St Mary's Church is an Anglican church at the end of a lane to the south of the village of Nether Alderley, Cheshire, England. It dates from the 14th century, with later additions and a major restoration in the late-19th century. The church is recorded in the National Heritage List for England as a designated Grade I listed building.

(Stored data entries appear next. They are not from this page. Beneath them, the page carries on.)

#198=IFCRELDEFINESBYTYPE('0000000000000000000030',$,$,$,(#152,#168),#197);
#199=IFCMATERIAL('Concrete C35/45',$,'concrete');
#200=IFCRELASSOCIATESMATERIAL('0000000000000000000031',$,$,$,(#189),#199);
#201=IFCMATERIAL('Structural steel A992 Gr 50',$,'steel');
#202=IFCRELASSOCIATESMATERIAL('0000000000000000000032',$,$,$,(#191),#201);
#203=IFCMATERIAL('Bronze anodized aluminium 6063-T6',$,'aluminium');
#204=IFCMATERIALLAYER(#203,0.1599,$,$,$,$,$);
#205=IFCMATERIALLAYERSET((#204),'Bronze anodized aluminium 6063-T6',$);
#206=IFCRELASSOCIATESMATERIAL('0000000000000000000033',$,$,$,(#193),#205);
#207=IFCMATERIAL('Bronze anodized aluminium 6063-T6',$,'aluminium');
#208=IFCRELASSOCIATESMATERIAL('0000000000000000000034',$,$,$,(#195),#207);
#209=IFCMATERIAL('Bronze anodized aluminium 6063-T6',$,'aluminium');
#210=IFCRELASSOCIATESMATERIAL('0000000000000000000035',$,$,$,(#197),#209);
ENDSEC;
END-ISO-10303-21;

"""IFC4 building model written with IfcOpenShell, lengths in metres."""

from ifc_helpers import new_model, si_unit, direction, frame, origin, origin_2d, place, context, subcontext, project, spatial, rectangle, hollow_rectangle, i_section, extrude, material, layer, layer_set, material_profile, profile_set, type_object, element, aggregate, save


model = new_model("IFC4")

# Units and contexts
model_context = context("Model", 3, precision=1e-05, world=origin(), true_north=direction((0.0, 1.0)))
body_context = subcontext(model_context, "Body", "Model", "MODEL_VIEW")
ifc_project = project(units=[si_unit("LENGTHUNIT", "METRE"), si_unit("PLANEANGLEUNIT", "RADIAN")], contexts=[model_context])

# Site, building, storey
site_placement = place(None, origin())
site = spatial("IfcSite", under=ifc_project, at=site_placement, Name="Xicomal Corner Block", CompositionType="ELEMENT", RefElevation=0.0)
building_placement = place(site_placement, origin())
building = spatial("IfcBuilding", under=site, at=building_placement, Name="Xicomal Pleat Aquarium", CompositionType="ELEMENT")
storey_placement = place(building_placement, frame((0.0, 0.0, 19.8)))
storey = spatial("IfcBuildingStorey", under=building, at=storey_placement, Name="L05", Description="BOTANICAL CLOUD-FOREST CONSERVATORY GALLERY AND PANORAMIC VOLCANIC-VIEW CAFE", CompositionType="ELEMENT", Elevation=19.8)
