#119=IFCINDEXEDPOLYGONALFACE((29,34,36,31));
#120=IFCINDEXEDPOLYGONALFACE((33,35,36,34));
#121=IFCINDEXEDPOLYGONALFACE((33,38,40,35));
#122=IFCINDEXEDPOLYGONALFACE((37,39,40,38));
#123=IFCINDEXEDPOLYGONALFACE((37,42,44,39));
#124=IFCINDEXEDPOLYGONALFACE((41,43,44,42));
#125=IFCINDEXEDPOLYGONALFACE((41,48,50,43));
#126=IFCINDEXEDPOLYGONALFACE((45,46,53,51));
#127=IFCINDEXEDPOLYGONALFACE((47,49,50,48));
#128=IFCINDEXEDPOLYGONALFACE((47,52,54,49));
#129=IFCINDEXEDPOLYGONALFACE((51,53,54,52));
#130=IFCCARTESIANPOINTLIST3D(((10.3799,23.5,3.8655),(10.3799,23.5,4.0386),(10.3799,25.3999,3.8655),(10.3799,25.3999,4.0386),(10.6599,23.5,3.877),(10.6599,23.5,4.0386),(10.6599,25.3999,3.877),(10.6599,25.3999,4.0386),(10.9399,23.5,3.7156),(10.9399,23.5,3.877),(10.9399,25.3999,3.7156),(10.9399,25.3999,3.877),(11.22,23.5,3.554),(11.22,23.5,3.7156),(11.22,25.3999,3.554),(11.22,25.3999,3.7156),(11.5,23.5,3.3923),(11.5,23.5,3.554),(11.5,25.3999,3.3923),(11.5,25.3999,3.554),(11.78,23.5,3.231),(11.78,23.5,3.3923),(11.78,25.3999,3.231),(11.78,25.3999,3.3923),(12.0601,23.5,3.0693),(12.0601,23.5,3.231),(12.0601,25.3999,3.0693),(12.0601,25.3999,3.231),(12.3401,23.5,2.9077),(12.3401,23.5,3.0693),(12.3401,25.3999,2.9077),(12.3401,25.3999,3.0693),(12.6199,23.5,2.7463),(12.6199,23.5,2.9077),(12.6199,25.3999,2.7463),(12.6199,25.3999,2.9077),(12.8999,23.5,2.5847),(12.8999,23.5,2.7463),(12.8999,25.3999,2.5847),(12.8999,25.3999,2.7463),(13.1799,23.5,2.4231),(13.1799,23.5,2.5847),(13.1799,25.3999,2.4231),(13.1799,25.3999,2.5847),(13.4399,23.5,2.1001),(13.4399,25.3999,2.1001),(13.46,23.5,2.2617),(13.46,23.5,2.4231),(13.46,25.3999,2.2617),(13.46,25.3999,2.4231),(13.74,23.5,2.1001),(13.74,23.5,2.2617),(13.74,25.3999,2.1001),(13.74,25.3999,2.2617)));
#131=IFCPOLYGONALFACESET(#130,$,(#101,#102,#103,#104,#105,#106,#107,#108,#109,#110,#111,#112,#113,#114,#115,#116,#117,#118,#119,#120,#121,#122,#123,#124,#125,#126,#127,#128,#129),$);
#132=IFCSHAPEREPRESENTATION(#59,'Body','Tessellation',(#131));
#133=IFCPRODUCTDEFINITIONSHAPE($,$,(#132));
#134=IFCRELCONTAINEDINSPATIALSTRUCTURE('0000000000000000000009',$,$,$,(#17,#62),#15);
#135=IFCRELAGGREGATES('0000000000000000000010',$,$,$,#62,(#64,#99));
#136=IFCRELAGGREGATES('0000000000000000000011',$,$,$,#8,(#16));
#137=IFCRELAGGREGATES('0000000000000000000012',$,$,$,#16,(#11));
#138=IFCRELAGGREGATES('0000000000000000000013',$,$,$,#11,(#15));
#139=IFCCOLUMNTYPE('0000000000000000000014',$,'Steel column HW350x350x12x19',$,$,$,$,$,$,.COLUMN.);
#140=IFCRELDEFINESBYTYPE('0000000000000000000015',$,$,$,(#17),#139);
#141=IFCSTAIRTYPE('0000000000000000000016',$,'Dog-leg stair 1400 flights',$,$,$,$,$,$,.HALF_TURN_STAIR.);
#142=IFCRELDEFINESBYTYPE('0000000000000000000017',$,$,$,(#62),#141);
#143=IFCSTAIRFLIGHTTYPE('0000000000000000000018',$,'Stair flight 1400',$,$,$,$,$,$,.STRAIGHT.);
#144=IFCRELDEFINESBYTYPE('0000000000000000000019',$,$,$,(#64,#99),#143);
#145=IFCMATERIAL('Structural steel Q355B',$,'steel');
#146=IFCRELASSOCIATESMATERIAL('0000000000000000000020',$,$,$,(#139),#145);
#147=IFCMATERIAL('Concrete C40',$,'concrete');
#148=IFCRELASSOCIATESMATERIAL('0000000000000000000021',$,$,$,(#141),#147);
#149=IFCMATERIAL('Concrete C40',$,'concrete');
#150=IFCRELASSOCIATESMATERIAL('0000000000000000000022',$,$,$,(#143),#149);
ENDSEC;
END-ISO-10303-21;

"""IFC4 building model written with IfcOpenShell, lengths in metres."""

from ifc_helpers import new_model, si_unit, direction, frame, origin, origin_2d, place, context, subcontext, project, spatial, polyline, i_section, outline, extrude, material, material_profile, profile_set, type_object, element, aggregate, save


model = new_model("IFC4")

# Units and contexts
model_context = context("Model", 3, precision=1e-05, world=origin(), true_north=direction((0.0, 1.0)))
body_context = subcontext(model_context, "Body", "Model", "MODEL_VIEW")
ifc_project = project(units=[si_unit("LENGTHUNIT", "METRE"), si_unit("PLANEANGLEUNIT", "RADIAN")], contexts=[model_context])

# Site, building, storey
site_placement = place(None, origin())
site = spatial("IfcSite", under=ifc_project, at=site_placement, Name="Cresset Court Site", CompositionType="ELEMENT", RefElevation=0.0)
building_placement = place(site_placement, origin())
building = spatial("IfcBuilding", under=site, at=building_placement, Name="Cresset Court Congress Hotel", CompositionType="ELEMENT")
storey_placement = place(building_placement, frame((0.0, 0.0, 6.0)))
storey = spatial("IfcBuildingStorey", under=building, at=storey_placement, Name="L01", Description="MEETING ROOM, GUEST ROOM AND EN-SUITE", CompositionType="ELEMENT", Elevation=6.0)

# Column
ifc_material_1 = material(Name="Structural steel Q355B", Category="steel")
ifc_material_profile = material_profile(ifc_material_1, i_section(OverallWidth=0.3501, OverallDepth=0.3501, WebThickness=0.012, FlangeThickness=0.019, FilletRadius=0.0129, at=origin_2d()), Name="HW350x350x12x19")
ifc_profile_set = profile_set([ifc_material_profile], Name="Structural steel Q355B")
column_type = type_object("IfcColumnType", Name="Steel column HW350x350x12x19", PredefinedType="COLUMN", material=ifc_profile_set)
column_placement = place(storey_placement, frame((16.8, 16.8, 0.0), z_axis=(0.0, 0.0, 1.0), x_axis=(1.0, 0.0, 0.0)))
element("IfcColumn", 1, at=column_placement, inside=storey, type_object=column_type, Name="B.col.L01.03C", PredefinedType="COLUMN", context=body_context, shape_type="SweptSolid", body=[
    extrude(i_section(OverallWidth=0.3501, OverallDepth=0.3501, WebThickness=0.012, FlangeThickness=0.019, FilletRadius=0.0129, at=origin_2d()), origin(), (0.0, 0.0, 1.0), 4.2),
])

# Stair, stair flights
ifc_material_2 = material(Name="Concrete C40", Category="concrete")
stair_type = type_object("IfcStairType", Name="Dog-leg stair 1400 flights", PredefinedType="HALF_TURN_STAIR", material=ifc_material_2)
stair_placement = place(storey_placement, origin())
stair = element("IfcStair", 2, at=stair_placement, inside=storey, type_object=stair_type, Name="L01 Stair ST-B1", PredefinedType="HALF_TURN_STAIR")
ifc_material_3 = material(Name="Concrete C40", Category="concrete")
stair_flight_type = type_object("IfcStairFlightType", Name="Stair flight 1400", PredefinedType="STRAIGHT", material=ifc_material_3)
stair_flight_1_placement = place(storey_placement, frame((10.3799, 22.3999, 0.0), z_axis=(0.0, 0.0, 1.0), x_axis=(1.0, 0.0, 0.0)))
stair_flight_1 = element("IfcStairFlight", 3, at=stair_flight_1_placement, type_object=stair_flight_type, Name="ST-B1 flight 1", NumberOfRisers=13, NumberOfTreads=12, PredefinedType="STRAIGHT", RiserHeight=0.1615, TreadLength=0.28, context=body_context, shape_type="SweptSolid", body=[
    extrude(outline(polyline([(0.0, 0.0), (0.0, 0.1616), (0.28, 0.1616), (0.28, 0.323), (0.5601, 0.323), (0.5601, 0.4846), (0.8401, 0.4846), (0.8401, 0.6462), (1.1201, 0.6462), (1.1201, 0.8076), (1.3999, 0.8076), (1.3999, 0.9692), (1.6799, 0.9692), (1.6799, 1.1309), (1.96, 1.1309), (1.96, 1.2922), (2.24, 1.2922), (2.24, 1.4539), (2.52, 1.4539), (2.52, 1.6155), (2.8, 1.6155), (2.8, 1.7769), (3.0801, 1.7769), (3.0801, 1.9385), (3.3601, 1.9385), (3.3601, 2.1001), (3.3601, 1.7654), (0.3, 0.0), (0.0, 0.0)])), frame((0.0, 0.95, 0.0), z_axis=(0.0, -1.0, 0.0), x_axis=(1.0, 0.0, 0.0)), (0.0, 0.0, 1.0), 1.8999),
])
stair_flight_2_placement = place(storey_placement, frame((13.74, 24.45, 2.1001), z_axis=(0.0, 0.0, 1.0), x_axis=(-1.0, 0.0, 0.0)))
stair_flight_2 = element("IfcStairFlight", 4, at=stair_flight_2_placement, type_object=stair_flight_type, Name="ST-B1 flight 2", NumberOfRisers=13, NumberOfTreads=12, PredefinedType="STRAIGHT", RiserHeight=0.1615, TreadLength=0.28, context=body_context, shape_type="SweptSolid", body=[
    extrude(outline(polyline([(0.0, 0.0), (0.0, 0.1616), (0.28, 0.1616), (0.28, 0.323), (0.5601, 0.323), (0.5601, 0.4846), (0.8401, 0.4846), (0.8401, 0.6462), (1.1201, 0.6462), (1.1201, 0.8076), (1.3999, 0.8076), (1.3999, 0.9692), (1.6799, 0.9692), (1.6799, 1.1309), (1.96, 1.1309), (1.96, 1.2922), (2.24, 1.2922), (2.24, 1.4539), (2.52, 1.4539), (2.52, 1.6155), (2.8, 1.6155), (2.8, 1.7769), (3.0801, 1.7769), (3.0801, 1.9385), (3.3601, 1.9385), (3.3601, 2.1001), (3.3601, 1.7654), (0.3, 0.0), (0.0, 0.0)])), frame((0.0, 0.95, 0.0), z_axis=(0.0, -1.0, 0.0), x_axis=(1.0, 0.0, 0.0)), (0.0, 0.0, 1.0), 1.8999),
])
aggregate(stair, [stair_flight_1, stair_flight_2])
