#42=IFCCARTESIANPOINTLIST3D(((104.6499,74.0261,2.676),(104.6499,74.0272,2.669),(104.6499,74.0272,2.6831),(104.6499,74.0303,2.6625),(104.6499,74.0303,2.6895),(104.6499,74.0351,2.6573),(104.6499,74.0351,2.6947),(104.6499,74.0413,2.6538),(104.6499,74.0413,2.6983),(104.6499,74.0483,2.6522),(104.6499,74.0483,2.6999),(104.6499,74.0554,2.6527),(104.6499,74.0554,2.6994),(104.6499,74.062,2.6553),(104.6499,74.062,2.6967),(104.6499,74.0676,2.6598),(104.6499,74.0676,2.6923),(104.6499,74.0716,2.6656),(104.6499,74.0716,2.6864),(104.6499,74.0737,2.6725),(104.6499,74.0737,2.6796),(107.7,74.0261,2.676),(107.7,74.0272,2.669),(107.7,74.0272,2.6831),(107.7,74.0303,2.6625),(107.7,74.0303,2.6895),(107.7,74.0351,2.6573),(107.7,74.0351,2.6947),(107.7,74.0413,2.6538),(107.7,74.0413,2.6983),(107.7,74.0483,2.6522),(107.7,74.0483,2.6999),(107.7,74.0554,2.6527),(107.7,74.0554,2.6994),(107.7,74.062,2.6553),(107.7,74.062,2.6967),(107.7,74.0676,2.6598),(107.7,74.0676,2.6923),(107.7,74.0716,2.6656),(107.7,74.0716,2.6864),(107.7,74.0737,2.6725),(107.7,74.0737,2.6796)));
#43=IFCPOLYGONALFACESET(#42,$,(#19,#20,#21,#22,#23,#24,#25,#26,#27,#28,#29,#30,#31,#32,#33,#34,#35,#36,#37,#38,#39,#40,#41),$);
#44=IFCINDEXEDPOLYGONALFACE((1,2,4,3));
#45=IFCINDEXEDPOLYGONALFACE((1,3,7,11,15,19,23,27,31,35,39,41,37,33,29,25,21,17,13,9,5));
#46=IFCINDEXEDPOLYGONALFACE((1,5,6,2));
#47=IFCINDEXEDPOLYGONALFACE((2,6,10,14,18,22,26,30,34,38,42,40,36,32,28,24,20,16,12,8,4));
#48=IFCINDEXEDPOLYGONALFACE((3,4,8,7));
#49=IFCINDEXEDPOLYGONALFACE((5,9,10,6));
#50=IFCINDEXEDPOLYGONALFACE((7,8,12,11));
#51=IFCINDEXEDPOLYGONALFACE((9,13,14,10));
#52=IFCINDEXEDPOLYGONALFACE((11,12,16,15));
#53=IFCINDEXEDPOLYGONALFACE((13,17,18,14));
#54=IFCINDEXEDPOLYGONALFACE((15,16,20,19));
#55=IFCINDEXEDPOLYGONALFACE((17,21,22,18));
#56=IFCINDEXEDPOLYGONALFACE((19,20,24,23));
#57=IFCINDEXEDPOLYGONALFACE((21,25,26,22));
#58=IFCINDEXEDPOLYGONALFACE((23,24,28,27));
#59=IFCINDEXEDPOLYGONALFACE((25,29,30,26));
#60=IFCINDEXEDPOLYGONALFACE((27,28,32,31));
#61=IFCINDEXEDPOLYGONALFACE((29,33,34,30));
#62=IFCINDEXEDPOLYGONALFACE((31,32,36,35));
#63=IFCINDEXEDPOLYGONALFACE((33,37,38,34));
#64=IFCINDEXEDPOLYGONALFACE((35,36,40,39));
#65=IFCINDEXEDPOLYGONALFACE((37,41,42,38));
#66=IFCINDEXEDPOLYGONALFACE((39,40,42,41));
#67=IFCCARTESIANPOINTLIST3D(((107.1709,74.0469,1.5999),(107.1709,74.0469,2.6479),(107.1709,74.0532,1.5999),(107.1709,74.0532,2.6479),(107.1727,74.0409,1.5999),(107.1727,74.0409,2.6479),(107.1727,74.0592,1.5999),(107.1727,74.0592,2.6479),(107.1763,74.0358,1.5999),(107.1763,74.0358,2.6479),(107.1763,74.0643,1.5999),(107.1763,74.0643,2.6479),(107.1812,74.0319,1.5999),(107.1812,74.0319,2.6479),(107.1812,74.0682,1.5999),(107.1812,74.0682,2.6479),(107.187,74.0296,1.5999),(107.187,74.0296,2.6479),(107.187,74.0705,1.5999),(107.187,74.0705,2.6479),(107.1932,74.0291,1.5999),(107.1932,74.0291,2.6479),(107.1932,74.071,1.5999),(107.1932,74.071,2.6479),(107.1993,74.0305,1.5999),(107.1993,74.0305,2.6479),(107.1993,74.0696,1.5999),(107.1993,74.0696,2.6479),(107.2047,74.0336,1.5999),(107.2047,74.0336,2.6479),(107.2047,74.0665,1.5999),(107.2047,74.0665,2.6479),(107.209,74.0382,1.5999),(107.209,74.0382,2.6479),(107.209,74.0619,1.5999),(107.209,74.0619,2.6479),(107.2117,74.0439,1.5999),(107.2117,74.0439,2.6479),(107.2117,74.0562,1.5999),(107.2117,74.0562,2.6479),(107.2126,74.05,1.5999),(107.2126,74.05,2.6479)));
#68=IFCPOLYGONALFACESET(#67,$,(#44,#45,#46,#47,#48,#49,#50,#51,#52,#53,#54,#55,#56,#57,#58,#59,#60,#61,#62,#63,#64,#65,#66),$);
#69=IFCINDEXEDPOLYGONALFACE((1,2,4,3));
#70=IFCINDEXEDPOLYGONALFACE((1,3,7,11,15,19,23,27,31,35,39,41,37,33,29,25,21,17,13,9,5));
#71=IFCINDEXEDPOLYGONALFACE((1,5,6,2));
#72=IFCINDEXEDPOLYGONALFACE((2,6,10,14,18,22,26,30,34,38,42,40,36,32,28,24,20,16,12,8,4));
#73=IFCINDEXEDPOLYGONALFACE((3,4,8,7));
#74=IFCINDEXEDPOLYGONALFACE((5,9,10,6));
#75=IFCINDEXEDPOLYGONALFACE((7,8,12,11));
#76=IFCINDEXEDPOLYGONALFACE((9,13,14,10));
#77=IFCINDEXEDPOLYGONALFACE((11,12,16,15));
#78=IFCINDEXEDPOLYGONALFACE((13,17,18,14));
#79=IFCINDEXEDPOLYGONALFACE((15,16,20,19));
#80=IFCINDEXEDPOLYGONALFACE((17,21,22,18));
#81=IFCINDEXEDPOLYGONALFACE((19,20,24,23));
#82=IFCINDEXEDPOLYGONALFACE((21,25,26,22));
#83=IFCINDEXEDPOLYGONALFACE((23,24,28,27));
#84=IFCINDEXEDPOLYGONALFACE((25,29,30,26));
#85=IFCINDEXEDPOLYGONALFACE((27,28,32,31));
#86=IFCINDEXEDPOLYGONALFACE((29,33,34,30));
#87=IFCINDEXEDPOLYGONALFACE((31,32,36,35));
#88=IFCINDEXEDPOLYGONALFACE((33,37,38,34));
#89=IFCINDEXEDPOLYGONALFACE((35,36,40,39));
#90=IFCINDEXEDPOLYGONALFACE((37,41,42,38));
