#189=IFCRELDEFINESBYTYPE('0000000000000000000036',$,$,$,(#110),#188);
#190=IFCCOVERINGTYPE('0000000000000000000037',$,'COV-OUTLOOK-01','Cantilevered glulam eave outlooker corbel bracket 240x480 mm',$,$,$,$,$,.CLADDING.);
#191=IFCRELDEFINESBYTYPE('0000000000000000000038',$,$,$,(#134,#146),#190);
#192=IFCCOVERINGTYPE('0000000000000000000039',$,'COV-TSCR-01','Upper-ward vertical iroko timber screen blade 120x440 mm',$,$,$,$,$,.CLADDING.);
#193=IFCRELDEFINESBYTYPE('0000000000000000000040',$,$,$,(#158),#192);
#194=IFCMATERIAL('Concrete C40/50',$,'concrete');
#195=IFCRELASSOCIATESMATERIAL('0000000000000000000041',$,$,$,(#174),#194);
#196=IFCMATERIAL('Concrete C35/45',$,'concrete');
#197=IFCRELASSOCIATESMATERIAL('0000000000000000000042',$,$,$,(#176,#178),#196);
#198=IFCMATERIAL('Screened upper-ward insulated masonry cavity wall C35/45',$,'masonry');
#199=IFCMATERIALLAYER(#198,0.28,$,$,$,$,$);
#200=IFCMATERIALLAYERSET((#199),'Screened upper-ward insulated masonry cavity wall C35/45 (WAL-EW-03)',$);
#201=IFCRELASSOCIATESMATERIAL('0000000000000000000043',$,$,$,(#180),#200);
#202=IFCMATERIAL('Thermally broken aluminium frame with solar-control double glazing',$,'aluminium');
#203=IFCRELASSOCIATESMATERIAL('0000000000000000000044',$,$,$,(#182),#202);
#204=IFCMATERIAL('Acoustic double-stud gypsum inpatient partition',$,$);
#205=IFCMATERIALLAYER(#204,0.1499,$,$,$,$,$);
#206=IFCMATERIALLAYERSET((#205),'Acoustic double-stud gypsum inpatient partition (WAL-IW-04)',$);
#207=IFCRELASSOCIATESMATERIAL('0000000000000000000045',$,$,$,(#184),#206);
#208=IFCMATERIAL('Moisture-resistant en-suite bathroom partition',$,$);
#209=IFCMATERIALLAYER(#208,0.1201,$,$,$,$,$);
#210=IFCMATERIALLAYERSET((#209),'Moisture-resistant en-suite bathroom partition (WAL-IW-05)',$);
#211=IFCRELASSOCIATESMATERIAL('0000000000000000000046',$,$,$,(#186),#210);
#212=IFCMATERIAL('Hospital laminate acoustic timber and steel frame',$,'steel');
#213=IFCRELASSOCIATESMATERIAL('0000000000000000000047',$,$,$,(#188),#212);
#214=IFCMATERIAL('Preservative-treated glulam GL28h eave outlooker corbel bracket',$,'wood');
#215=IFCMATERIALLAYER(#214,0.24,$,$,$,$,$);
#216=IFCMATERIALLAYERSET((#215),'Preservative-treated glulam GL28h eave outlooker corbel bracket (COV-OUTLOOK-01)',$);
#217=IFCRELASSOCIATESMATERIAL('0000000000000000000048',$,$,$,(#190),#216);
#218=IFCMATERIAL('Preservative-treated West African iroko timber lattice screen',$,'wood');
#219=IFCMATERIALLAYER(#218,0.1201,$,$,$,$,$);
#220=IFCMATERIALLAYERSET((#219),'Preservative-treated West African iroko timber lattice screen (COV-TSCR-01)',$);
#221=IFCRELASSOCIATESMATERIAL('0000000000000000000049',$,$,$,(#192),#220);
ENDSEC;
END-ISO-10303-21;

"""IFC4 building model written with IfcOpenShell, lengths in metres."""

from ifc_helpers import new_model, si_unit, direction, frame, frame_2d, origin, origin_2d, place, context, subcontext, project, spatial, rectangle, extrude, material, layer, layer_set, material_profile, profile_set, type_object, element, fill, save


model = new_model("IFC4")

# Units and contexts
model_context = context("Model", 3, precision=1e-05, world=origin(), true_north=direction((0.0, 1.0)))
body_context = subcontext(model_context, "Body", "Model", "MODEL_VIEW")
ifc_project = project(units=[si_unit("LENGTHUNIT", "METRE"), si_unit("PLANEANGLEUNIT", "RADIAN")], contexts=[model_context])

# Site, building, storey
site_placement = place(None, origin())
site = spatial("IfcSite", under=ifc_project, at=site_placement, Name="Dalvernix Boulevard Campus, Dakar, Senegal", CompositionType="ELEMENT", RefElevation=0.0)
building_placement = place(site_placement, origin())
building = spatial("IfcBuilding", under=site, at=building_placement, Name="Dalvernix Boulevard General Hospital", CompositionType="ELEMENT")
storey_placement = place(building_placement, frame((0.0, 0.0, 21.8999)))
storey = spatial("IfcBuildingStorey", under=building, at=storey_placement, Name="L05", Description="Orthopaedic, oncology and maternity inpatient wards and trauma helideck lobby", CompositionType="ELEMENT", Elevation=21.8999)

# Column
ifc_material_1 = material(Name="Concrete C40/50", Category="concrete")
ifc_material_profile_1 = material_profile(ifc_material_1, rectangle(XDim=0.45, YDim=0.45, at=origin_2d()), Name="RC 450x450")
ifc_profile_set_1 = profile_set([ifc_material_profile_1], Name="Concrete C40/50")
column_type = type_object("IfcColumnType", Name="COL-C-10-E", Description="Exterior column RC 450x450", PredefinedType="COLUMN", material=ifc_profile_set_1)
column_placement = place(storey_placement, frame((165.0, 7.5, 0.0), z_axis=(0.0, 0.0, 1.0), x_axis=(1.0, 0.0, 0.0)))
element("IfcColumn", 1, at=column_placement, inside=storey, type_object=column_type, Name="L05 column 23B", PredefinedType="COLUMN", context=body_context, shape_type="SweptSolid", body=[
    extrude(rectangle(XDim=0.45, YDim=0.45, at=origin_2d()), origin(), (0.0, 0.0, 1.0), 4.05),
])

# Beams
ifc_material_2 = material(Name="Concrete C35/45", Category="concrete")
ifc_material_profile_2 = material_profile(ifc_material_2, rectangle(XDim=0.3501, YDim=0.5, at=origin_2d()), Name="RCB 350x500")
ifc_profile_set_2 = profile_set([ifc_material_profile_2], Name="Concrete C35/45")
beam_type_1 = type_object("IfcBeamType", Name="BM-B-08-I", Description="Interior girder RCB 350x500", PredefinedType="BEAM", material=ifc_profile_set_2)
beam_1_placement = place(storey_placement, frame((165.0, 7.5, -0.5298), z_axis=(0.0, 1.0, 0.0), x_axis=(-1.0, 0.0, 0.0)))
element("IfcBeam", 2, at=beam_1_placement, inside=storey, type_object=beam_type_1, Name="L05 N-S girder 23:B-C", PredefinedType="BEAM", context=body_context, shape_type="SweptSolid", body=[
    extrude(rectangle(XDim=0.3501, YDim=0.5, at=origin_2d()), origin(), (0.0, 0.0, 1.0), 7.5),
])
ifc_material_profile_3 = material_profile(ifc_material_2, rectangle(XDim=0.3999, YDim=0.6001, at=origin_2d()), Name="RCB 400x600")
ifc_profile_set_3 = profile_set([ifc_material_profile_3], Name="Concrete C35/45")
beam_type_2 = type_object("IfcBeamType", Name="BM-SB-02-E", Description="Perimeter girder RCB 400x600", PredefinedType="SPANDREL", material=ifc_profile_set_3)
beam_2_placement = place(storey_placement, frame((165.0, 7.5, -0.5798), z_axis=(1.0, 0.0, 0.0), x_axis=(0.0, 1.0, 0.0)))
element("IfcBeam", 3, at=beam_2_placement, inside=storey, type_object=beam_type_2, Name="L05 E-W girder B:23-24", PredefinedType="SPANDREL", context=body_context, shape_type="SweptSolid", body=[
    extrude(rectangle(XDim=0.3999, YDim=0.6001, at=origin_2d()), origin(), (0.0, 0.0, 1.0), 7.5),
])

The church was built in the Gothic style, and has historically been associated with the Stanley family of Alderley. Its major features include a fine tower, the Stanley pew which is entered by an outside staircase, a 14th-century font, the western gallery, and monuments to the Lords Stanley of Alderley. The grounds contain a 17th-century former schoolhouse, now used as a parish hall, a medieval church cross, and the Stanley Mausoleum, which dates from 1909. An ancient yew tree stands in the churchyard.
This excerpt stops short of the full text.